In the case of $l_1$-regularization the __loss function__ is defined as follows.

$$l(\hat{Y}) = \frac{1}{N}\sum_i^N \left(y_i - \hat{y}_i\right)^2 + \alpha \sum(|a_1| + \ldots + |a_n|)$$

The linear model with this loss function is often called Lasso. It has the same name in `sklearn`.

In [34]:
from sklearn.linear_model import Lasso

for i in range(-10, 10):
    alpha = 2**i
    lasso_reg = Lasso(alpha=alpha)
    lasso_reg.fit(X_train, y_train)
    y_dev_hat = lasso_reg.predict(X_dev)
    print(np.sqrt(mean_squared_error(y_dev, y_dev_hat)), alpha)

34385.232390226694 0.0009765625
34385.23073205115 0.001953125
34385.22741571128 0.00390625
34385.220783122604 0.0078125
34385.20751809857 0.015625
34385.18098887226 0.03125
34385.12793384828 0.0625
34385.021837840366 0.125
34384.80970238467 0.25
34384.3856600976 0.5
34383.53847847767 1
34381.84771210018 2
34378.480581855554 4
34371.80402161136 8
34358.681686191914 16
34333.360856228275 32
34286.429998580745 64
34223.5487321279 128
34173.03689578013 256
34221.15737373851 512


Here the best parameter seems to be 128. 

### l1 regularization nulls the coefficients 

There is an interesting effect when of l1 regularization. To observe it, let's train the model with high alpha = 100000. Then let's look at coefficients.
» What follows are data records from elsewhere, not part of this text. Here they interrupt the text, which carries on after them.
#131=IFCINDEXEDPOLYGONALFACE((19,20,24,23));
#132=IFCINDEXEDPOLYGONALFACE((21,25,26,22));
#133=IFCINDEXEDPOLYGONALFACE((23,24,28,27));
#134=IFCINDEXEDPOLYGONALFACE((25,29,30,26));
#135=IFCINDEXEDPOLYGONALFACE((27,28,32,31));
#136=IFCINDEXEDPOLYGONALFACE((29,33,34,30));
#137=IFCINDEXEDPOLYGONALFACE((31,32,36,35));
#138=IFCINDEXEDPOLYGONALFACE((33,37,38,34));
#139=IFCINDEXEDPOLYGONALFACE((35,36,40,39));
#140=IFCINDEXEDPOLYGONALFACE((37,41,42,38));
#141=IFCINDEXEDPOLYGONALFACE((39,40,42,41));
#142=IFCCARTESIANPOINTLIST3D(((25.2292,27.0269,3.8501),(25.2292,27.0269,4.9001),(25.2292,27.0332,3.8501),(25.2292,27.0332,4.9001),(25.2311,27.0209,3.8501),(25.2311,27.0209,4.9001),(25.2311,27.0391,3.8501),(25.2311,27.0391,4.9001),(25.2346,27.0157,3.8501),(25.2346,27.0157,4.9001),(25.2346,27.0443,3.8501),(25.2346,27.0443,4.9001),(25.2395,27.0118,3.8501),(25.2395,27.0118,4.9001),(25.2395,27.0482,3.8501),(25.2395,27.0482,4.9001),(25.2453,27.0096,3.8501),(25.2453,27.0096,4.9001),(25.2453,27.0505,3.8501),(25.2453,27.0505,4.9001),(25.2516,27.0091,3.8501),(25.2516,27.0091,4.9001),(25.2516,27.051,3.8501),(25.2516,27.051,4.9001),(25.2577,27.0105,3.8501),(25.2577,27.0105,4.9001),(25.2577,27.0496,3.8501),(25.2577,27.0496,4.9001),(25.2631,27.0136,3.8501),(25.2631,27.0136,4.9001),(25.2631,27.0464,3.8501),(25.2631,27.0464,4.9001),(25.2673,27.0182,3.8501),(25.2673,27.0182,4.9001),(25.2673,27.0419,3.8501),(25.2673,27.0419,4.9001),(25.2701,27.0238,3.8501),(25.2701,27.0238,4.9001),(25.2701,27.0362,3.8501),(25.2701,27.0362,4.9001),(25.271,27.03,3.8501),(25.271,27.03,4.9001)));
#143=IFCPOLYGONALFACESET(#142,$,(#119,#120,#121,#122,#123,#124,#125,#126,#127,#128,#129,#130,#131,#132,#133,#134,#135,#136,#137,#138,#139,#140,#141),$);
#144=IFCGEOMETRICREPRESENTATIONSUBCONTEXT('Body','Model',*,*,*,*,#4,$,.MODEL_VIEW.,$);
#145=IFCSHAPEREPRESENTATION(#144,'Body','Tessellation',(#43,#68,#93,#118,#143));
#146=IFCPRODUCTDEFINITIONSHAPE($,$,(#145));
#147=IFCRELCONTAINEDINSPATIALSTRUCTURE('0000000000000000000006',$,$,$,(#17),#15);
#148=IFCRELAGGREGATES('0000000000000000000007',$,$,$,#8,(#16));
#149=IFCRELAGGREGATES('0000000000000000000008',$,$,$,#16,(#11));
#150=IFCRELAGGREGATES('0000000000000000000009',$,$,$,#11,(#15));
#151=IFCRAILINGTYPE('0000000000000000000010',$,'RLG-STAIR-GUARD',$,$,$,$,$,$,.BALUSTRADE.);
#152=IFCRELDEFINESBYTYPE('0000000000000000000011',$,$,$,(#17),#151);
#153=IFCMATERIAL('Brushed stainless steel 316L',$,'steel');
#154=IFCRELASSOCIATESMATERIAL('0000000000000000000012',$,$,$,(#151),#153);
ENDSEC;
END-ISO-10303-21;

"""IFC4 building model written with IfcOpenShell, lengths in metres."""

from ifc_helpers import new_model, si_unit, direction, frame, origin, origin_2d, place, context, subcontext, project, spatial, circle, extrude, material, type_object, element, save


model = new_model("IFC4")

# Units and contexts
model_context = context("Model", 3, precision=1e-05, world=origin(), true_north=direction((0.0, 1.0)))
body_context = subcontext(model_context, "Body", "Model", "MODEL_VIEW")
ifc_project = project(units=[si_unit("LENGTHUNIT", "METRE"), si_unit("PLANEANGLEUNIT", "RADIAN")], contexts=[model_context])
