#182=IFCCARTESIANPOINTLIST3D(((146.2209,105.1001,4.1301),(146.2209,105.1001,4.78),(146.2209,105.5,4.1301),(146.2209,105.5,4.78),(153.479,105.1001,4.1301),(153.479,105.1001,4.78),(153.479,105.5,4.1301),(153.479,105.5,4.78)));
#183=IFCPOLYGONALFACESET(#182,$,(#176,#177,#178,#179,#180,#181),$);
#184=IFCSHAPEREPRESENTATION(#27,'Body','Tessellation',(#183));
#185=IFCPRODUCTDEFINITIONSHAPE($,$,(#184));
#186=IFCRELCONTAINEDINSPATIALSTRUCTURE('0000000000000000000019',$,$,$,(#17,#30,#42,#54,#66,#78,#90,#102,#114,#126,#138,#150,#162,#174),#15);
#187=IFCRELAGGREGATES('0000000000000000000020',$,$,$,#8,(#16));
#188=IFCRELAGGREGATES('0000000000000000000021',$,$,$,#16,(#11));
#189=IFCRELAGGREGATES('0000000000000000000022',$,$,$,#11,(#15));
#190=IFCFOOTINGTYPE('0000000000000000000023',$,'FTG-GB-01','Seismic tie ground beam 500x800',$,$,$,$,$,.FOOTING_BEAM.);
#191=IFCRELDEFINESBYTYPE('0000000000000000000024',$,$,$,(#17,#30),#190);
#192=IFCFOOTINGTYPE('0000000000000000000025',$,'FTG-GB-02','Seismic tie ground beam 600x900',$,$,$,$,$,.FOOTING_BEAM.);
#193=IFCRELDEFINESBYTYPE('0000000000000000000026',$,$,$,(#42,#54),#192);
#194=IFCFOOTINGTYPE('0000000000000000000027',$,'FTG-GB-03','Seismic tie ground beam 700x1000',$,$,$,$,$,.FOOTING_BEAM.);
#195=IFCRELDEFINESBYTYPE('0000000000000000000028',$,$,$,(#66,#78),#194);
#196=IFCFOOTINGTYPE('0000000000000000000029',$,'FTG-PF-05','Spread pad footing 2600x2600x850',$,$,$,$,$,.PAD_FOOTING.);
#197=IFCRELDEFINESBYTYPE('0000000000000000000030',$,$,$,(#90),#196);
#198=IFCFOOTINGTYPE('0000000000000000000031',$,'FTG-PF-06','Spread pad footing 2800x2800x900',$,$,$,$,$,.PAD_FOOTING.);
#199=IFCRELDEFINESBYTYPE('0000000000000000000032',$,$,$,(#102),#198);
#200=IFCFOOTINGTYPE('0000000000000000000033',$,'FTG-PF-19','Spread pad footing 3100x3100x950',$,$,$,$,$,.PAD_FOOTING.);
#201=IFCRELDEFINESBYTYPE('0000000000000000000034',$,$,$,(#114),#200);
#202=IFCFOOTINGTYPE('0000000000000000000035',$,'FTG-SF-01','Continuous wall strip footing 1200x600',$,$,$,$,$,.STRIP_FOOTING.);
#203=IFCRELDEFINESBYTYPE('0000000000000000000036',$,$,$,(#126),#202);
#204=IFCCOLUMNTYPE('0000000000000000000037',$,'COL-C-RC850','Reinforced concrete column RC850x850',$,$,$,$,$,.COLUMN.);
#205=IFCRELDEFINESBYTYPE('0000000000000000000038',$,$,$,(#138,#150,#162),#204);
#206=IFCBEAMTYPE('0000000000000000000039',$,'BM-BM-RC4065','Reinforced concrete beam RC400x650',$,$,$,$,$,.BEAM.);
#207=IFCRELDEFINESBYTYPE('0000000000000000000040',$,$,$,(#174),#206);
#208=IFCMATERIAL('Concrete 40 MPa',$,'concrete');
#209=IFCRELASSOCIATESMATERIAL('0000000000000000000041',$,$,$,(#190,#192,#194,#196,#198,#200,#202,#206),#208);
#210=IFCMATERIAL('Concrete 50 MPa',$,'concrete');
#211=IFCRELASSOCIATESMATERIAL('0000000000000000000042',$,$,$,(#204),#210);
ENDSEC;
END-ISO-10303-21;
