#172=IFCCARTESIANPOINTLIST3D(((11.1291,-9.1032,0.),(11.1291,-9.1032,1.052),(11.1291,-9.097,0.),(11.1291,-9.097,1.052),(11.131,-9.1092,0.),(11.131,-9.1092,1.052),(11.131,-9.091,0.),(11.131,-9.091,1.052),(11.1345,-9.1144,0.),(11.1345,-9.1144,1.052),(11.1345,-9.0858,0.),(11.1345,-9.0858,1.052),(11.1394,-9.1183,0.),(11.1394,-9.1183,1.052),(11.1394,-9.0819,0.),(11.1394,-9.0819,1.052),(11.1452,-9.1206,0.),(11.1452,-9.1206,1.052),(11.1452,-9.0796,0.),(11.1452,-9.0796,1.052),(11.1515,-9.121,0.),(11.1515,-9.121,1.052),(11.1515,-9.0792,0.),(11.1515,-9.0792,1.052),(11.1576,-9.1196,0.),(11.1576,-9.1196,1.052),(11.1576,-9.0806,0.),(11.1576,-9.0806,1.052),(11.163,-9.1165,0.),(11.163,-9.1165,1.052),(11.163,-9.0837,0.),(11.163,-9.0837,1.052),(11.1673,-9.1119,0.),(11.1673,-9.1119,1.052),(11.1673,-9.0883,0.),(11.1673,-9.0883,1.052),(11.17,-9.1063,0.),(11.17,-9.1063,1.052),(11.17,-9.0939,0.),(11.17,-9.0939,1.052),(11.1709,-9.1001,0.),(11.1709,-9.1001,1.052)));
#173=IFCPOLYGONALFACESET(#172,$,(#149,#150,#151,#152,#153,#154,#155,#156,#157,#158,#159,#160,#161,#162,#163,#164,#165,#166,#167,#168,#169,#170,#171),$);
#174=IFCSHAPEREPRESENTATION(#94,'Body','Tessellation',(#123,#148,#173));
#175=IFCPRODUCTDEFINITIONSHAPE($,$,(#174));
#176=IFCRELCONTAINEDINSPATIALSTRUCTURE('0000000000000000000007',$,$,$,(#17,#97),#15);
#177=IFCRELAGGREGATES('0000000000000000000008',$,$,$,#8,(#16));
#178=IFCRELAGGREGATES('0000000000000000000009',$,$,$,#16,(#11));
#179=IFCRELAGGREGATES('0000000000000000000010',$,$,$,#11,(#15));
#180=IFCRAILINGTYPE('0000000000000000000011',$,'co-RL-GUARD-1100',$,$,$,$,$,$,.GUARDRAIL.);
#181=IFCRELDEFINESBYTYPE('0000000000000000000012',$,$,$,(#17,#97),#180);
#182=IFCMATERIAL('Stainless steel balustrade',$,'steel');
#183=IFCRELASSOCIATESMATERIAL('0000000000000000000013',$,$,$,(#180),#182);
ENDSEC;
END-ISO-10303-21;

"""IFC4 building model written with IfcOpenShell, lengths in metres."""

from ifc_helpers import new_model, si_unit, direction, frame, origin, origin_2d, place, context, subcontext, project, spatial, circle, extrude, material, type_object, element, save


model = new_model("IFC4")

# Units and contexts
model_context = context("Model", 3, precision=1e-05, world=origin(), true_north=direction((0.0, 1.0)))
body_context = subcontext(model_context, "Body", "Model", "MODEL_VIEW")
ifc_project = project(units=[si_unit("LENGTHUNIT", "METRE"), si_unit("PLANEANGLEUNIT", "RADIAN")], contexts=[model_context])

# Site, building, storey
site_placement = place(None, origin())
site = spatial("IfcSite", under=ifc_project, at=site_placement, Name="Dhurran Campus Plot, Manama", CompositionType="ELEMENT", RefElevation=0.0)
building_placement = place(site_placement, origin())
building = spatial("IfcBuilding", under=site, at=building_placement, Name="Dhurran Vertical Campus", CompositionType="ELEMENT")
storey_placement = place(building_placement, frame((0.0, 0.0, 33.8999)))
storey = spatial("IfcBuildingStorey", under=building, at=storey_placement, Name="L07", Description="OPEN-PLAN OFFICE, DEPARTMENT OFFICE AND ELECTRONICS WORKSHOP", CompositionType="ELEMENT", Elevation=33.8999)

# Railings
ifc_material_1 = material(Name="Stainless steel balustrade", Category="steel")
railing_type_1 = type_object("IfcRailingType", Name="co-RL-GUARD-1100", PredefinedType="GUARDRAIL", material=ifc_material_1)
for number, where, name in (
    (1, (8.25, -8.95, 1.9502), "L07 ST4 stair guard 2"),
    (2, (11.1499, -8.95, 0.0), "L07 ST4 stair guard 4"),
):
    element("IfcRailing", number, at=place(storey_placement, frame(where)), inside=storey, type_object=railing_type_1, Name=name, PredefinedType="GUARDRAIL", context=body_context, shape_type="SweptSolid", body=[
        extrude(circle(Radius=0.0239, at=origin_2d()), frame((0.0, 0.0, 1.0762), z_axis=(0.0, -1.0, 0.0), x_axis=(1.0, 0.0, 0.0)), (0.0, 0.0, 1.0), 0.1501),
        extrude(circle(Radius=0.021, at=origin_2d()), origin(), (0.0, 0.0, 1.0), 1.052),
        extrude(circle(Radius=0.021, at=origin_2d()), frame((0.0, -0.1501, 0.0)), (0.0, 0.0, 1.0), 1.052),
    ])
One can observe that most of them where actually nulled.

In [35]:
lasso_reg = Lasso(alpha=100000)
lasso_reg.fit(X_train, y_train)
lasso_reg.coef_

array([-5.32584635e+01,  1.84814242e-01,  0.00000000e+00,  0.00000000e+00,
        4.61600753e+02,  3.77706089e+02,  1.25281624e+01,  0.00000000e+00,
       -0.00000000e+00,  2.42549189e+01,  0.00000000e+00,  0.00000000e+00,
        0.00000000e+00,  6.60391554e+01,  0.00000000e+00, -0.00000000e+00,
        0.00000000e+00,  0.00000000e+00, -0.00000000e+00, -0.00000000e+00,
        0.00000000e+00,  0.00000000e+00,  0.00000000e+00,  5.98967107e+01,
        3.91127200e+01, -0.00000000e+00,  0.00000000e+00,  0.00000000e+00,
        6.25981928e+01, -1.63844160e+02, -5.90782181e+00,  0.00000000e+00,
       -0.00000000e+00])

## Elastic Net: both regularization at the same time 

We can also have them both at the same time. In this case the __loss function__ is defined as follows.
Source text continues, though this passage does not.